1. Freeze of adjustable width deposits storage container, its characterized in that includes:

and the box cover is used for covering the box body.

2. The adjustable width cryopreservation storage container of claim 1 wherein the side walls of the telescoping walls are folded and the side walls of the bottom layer are folded.

3. The adjustable width cryopreservation storage container of claim 1 wherein the second cavity is disposed above the telescoping wall and the third cavity is disposed above the floor.

4. The adjustable width cryopreservation storage container of claim 1 wherein a first connecting plate and a second connecting plate are slidably disposed in the bottom layer, the first connecting plate is fixed to one of the first side walls, the second connecting plate is fixed to the remaining one of the first side walls, and one end of the first connecting plate has a fourth cavity capable of receiving one end of the second connecting plate.

5. The adjustable width cryopreservation storage container of claim 4 wherein the second connecting plate is provided with a plurality of grooves at its upper end face, and the first connecting plate is provided with a first latch having an end capable of extending into the groove.

6. The adjustable width cryopreservation storage container of claim 5 wherein the second connecting plate is provided with a second latch, the first latch and the second latch being used to define the maximum travel of the two first side walls.

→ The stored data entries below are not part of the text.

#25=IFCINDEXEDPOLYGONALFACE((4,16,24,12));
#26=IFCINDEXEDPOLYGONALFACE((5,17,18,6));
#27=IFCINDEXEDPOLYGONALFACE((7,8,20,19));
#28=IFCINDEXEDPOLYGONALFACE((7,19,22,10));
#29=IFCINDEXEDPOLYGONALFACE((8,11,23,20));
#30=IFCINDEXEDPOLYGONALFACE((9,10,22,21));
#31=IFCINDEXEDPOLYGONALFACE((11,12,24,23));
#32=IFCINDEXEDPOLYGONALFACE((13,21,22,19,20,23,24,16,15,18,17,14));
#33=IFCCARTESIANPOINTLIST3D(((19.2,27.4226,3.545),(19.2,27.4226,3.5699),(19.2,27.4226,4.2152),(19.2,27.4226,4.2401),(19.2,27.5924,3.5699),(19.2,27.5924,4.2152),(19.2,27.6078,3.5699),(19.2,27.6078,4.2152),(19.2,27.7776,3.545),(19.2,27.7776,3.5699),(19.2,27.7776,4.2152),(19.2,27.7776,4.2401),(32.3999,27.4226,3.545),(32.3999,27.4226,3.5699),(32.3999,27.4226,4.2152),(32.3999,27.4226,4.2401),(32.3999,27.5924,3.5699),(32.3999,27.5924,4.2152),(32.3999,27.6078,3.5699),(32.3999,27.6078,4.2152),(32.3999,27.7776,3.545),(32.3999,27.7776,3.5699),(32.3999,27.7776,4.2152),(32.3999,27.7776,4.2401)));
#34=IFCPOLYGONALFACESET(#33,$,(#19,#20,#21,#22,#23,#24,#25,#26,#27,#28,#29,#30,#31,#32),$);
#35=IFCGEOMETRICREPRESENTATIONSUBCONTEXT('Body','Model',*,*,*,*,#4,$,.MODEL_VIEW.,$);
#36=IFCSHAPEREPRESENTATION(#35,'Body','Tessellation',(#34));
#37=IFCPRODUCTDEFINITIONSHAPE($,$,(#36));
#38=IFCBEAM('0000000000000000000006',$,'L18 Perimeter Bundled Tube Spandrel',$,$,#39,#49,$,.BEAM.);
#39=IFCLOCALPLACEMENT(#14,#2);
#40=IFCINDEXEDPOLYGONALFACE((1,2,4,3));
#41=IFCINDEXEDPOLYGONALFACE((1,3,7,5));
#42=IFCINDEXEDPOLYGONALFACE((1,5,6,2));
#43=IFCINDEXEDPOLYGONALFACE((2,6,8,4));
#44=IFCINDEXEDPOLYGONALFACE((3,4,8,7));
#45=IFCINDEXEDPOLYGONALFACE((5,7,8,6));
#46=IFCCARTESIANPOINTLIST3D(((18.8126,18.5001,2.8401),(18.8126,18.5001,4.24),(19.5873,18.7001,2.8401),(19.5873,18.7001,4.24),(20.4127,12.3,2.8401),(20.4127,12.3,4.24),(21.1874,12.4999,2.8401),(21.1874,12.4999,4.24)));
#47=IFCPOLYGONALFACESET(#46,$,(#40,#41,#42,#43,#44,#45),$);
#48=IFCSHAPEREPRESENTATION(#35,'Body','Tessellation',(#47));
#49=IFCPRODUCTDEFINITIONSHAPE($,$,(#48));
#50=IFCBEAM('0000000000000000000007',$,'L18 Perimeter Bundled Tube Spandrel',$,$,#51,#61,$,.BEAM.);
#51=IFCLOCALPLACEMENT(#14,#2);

7. The adjustable width cryopreservation storage container of claim 4 wherein the first connecting plate is provided with a plurality of holes communicating with the fourth cavity.

8. The adjustable width cryopreservation storage container of claim 1, wherein the cryopreservation lattices are connected by a bayonet structure, the bayonet structure comprises a first bayonet arranged at one end of the cryopreservation lattice and a second bayonet arranged at the other end of the cryopreservation lattice, and the connection of the two cryopreservation lattices is realized after the first bayonet and the second bayonet are clamped.

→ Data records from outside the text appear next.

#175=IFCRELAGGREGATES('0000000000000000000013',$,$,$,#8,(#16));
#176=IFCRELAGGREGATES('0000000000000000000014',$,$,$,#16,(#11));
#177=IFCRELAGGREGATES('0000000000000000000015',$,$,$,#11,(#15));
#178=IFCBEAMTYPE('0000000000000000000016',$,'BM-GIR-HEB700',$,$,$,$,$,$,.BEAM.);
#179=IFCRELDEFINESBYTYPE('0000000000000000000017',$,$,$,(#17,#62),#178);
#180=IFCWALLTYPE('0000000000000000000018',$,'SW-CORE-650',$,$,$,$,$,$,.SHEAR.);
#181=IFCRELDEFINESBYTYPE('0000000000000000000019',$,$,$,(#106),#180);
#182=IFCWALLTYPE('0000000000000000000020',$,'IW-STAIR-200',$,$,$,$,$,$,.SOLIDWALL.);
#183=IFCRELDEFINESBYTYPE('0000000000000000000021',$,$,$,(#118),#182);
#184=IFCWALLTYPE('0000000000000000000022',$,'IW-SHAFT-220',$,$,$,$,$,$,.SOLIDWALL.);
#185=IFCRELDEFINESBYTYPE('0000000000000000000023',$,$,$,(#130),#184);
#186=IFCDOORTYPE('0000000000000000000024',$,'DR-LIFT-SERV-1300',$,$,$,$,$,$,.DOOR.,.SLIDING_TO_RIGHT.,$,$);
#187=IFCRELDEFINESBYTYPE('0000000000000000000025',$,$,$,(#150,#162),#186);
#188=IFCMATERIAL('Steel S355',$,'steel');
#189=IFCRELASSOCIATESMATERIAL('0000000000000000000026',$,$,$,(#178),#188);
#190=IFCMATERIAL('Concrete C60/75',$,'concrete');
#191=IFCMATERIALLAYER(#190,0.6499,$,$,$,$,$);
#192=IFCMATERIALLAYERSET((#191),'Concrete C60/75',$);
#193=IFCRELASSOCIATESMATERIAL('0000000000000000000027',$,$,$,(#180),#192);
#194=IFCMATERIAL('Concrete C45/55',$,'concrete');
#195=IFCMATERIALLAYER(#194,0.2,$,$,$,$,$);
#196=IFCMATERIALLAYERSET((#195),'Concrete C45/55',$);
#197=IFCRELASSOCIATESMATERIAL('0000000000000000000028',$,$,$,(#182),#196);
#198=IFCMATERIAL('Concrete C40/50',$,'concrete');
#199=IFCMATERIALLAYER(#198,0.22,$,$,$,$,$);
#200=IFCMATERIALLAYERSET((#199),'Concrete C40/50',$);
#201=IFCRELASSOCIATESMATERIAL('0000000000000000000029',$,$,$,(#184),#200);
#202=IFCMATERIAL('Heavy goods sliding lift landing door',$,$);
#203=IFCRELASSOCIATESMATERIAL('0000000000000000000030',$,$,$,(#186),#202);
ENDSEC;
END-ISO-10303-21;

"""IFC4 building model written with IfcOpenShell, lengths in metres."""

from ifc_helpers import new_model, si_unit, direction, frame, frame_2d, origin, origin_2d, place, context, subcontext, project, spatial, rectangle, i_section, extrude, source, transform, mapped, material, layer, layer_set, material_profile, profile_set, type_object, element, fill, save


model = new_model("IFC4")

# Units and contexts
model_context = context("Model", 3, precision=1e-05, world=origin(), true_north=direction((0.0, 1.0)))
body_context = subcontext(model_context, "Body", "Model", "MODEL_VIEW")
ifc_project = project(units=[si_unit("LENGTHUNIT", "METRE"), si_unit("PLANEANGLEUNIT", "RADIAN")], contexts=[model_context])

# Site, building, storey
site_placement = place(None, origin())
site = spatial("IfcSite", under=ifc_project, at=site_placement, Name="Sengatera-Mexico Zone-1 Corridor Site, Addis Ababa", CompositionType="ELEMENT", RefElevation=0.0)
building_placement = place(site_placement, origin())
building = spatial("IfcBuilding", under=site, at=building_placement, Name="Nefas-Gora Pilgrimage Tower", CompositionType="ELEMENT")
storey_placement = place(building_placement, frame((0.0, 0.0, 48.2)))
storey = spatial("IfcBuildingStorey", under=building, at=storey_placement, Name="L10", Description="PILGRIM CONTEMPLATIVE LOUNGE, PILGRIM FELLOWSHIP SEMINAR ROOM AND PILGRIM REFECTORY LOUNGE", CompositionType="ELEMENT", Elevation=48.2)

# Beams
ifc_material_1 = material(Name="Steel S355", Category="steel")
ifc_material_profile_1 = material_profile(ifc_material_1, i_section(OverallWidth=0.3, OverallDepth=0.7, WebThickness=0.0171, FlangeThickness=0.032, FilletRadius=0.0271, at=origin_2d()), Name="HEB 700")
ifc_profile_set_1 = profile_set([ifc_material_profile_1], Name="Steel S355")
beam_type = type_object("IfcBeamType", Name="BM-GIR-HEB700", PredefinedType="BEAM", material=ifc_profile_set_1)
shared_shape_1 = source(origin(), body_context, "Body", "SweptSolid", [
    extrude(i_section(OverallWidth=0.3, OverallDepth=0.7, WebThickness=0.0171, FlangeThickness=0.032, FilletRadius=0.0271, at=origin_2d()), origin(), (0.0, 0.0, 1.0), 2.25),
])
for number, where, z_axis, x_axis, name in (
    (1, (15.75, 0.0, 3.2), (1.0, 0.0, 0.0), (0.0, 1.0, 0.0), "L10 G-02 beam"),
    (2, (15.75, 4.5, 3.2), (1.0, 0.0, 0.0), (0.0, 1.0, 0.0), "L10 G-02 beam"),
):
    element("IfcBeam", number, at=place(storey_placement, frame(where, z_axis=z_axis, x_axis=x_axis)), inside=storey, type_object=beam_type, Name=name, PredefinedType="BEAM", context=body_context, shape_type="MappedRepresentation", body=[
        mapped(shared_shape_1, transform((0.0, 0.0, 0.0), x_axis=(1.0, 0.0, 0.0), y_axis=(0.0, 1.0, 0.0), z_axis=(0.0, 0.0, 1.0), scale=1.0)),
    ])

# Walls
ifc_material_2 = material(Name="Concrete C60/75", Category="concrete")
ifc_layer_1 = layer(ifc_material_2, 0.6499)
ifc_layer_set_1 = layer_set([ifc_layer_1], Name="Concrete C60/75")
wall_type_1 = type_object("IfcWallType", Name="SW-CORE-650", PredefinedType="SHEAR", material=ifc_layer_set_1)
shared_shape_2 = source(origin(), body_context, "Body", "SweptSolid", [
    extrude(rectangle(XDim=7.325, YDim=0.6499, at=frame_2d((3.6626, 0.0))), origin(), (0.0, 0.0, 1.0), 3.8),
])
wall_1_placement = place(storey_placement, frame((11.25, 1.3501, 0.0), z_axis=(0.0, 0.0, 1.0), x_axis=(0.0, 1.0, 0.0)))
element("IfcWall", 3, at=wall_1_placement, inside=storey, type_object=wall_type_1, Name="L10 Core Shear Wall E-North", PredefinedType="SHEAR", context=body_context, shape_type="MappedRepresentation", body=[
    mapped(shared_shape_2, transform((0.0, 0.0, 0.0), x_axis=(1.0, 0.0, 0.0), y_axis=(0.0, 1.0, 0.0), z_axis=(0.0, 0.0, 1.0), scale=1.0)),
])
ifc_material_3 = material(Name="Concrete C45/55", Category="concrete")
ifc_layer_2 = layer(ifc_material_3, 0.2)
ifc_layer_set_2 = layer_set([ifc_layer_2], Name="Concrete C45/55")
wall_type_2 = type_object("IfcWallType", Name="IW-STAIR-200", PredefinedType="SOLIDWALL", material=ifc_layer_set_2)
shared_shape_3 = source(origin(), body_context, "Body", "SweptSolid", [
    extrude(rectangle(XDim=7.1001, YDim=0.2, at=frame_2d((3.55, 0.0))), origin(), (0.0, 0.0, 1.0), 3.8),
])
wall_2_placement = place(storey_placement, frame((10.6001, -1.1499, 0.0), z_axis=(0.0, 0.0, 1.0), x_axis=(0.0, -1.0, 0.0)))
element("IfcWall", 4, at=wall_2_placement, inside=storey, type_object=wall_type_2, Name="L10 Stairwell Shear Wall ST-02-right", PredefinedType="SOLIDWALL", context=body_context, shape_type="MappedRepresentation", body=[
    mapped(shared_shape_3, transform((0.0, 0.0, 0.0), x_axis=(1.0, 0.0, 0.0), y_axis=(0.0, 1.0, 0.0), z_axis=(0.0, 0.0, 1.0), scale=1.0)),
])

9. The adjustable width cryopreservation storage container of claim 8, wherein a first connecting strip is provided on the first bayonet, a second connecting strip is provided on the second bayonet, and the first connecting strip and the second connecting strip are provided with protrusions capable of being clamped to the positioning grooves of the first side wall.

10. The adjustable width cryopreservation storage container of claim 1 wherein the second and third chambers are each provided with a valve assembly for equalizing pressure.